Take a look at some of these dogs: Dogs Past – The Golden Retriever Club









Michael of Moreton – Natural History


Posts about Michael of Moreton written by SWestfall3




retrieverman.net













The Correct Golden Retriever Coat


An open letter to breeders and judges: What could be more glamorous than this image: A handsome golden retriever, running happily through a field; a spectacular dog with a shiny, silky and soft coa…




grcc.net










Top Flight Golden Retrievers, Golden Retriever Puppies, Breeders - Wisconsin


Top Flight Golden Retrievers, Golden Retriever Puppies, Golden Retriever Breeders - Wisconsin



topflightgoldenretrievers.com


----------



## Megora (Jun 7, 2010)

nolefan said:


> I've seen some very wavy coated Goldens, it's way back in the beginning of the breed but there are some curly coated retrievers, tweed water spaniel is one of the foundations and is curly coated.
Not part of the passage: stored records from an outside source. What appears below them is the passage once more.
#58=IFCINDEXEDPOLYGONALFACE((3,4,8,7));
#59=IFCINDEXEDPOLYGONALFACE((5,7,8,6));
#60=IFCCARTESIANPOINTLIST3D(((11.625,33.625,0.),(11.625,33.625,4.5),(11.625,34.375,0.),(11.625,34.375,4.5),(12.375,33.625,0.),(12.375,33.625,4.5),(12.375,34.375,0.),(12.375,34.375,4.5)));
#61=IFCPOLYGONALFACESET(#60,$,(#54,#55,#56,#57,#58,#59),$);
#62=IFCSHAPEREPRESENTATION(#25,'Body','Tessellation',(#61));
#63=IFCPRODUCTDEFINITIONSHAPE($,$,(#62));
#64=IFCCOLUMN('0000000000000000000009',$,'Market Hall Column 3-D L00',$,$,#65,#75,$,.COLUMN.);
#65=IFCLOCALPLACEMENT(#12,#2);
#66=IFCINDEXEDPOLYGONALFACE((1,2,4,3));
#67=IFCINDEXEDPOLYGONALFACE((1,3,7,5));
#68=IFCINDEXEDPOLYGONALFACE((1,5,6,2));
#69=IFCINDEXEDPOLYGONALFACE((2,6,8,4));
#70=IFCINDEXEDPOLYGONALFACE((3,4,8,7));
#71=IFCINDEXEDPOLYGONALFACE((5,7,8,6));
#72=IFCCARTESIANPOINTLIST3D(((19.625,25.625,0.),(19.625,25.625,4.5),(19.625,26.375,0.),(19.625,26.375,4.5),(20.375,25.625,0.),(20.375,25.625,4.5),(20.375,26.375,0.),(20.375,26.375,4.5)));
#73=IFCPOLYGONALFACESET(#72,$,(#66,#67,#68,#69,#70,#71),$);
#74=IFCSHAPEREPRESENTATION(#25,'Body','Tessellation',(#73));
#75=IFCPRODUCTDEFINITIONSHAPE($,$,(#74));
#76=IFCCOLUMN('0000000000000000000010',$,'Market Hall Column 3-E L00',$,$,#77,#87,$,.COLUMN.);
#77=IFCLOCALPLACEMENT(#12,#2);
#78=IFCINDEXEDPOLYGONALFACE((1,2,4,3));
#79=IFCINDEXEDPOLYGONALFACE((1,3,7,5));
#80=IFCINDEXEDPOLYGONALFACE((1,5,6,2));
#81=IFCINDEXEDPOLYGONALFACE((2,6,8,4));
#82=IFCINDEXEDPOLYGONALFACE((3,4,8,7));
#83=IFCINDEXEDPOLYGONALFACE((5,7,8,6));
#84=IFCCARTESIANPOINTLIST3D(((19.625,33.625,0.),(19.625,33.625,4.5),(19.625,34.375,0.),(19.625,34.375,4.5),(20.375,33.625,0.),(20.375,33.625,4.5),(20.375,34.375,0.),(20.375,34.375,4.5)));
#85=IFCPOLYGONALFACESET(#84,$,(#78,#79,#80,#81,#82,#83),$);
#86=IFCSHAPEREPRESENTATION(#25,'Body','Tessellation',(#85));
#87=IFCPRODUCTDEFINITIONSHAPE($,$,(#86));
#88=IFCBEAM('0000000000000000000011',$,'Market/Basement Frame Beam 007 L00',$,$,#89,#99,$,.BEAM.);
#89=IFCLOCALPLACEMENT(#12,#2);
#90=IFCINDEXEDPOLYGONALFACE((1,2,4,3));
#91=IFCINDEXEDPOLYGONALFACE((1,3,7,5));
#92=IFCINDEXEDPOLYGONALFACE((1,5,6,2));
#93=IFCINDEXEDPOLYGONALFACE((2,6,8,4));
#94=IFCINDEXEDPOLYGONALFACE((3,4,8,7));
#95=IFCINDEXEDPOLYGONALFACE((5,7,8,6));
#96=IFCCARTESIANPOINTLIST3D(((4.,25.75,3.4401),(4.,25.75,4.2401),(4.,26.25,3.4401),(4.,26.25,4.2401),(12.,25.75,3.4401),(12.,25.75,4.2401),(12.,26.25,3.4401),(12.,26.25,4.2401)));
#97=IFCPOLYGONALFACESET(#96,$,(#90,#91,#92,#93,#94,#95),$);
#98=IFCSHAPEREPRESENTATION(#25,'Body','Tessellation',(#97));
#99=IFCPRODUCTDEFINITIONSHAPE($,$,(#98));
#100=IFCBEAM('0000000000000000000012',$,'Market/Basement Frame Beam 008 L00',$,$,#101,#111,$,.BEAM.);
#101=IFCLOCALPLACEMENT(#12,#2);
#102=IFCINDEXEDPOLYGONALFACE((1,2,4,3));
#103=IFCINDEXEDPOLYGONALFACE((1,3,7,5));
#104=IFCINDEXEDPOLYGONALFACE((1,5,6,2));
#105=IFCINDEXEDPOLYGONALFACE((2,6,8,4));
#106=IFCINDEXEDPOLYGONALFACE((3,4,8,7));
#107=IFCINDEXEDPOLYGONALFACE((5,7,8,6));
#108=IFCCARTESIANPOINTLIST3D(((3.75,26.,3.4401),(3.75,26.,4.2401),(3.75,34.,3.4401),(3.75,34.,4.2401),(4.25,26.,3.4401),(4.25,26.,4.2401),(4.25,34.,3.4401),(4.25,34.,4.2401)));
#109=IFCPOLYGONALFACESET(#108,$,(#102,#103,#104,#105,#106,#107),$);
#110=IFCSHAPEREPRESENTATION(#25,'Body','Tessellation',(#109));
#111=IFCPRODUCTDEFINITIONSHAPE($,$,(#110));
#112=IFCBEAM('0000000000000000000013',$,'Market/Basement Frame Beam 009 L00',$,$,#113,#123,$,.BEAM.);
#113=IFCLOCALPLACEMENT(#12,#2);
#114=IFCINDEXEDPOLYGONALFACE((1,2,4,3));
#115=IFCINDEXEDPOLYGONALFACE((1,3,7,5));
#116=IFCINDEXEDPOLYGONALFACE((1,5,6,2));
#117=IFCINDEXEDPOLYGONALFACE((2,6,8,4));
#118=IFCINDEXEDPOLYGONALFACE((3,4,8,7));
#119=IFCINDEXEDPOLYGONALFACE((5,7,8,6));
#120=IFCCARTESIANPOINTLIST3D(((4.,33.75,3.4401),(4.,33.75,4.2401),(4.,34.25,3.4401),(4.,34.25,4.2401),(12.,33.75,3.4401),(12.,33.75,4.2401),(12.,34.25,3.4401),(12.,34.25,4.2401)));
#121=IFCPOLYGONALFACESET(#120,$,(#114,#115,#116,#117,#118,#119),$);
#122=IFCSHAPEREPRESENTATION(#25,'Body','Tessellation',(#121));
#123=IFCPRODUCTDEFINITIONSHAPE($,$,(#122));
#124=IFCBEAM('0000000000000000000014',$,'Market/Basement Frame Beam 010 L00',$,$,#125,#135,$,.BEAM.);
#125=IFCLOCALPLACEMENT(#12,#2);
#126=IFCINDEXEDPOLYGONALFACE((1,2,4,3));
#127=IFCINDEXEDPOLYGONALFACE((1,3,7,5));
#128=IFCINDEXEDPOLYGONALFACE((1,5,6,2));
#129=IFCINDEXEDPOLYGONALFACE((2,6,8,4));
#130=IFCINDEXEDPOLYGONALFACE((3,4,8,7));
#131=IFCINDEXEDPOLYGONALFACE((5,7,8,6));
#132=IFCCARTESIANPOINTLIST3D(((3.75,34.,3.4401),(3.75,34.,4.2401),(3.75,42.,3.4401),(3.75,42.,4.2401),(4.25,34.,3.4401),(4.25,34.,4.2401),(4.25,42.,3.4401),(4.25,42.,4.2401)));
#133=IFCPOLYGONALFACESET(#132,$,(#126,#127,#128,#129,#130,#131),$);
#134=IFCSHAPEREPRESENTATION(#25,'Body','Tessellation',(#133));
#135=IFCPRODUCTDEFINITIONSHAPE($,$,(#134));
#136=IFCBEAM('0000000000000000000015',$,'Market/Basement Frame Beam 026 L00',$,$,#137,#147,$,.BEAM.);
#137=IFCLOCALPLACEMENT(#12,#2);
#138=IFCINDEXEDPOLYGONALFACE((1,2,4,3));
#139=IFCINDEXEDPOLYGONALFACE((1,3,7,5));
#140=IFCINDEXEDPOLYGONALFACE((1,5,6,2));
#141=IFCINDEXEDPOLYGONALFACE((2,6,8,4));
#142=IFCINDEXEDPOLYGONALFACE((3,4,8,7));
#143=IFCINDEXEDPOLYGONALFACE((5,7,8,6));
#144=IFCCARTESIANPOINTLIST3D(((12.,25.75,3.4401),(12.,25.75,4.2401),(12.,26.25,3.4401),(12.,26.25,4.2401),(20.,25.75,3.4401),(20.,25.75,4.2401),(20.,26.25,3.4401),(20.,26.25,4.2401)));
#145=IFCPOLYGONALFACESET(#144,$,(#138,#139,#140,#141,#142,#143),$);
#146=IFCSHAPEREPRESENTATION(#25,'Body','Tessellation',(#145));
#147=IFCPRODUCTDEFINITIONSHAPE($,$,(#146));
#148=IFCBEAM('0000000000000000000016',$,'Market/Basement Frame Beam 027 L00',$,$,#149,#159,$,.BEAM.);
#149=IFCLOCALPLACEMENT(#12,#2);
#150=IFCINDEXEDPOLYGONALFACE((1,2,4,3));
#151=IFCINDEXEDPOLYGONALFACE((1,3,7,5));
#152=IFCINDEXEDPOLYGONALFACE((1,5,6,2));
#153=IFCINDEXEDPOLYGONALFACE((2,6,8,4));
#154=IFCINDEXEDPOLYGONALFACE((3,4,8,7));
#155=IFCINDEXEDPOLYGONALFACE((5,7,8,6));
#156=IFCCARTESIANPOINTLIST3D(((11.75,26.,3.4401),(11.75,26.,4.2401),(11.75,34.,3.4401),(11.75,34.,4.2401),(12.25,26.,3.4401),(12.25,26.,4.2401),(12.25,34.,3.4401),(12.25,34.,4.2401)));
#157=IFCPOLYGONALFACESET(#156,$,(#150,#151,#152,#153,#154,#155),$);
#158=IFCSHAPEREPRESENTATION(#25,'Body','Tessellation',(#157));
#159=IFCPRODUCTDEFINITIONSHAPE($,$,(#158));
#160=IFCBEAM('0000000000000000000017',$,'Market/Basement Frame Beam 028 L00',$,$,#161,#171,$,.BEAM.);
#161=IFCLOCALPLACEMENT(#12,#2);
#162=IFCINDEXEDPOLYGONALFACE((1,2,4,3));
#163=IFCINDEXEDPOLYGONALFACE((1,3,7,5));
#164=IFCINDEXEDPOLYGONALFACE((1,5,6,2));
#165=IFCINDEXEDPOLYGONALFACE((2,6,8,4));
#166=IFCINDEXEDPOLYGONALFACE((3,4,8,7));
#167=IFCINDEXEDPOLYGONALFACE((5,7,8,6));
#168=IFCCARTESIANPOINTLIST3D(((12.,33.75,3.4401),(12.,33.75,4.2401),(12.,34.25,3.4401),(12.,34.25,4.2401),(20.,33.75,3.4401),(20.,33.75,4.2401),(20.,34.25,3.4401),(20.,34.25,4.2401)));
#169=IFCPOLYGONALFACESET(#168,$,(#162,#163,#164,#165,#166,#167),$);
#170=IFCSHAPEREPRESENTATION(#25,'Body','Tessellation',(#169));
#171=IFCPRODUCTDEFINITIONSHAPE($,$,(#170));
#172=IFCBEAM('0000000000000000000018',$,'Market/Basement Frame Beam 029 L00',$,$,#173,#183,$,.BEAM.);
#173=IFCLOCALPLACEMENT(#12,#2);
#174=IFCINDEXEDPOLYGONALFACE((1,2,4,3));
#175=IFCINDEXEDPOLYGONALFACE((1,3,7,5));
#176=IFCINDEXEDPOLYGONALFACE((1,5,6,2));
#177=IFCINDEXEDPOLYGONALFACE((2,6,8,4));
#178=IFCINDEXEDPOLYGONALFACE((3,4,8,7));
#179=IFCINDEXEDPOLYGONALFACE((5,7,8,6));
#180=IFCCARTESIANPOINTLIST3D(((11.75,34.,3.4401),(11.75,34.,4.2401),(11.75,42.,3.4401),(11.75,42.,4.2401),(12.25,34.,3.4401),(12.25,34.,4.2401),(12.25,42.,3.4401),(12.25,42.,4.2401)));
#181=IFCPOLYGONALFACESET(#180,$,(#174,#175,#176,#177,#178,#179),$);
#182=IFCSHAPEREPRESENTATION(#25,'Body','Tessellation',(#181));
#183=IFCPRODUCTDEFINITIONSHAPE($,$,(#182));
I think that the curls on Michael are not as excessive or tight as those on the golden retriever that the retrieverman was comparing to. I look at that and think that dog looks much like many goldens today who have wavy or curly coats. You see the twirls and ripples in the usual places (around the ruff, ripples on the back, and curly trousers). I have seen curly goldens. 

And fwiw - I've also seen curly coated retrievers. Really nasty ones, btw (dog aggressive). The curls are much tighter and uniform than the OP's dog.
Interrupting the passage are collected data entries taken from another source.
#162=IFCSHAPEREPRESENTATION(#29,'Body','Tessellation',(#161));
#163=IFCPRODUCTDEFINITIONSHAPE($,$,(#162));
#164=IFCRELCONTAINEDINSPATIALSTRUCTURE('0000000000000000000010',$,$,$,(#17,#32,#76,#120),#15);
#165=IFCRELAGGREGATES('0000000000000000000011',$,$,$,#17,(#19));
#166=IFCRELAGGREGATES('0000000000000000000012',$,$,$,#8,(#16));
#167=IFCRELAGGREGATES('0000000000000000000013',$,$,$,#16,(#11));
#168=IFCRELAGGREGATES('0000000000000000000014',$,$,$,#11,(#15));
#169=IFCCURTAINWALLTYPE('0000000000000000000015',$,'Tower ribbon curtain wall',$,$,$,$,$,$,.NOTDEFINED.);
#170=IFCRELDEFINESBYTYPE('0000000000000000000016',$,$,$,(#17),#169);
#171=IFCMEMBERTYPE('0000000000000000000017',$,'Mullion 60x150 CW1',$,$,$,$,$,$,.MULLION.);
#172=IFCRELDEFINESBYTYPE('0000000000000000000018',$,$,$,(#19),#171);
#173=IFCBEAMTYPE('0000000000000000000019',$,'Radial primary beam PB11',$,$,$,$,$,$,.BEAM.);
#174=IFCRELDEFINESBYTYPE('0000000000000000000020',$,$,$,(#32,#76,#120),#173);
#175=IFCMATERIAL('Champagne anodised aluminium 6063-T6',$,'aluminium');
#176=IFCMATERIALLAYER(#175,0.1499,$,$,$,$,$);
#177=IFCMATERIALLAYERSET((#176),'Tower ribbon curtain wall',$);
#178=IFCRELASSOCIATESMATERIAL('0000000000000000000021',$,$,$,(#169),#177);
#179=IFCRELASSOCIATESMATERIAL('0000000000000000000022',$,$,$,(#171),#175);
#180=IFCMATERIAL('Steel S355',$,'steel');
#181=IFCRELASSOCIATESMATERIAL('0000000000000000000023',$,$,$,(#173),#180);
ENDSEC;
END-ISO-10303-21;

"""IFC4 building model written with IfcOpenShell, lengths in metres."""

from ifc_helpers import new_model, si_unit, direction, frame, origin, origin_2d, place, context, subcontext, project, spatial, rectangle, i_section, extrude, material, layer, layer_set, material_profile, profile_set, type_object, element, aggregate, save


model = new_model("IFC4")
The tight curls on the OP's dog - I honestly have not seen a purebred golden with curls that tight. Putting aside any assumptions about what's behind her, I'd be wondering if the coat is naturally curly, but also damaged by improper grooming. The coat itself looks dull and really looks like it needs a good bath and blow dry to get dead coat out. And absolutely should never have clippers used on it.


----------



## nolefan (Nov 6, 2009)

curly coated golden??


As far as Barkley's coat--it wasn't more water-resistant, but a little bit harder to dry because the curls retained it so well. His coat was wiry when we first adopted him. He was on BARF but we switched him because he literally smelled awful and was greasy. Once we did his coat thickened and it...




www.goldenretrieverforum.com


----------



## Megora (Jun 7, 2010)

nolefan said:


> curly coated golden??
> 
> 
> As far as Barkley's coat--it wasn't more water-resistant, but a little bit harder to dry because the curls retained it so well. His coat was wiry when we first adopted him. He was on BARF but we switched him because he literally smelled awful and was greasy. Once we did his coat thickened and it...
> ...


?


----------



## Prism Goldens (May 27, 2011)

That one pic is VERY curly- I have never seen a Golden with that tight a curl to the coat... OTOH, I see very few Goldens who are not properly groomed and dried so maybe some of the curl is a lack of proper blow dry technique. I'd love to groom that dog- it'd be fun to see how straight I could get the coat- but one time isn't going to make it lay straight, it needs training. I too think that it needs a good deshedding because it looks dull and not at all fresh.


----------



## Emmdenn (Jun 5, 2018)

I have friends (two separate friends I’m thinking of) and each has a Golden with quite a lot of curl to the coat. One of these dogs is an import from the Netherlands, and she is exceptionally well bred. Her coat is more of the wavy golden coat, and since she is shown it is blown dry quite often and her owner can get it to lay flat.

The other friends Golden is so curly, his tail and feathering are literally almost ringlets. He is not well bred, lacks an undercoat and ended up diagnosed with hypothyroid and was treated for parasites. They thought that treatment would improve his coat but it is still as curly as ever.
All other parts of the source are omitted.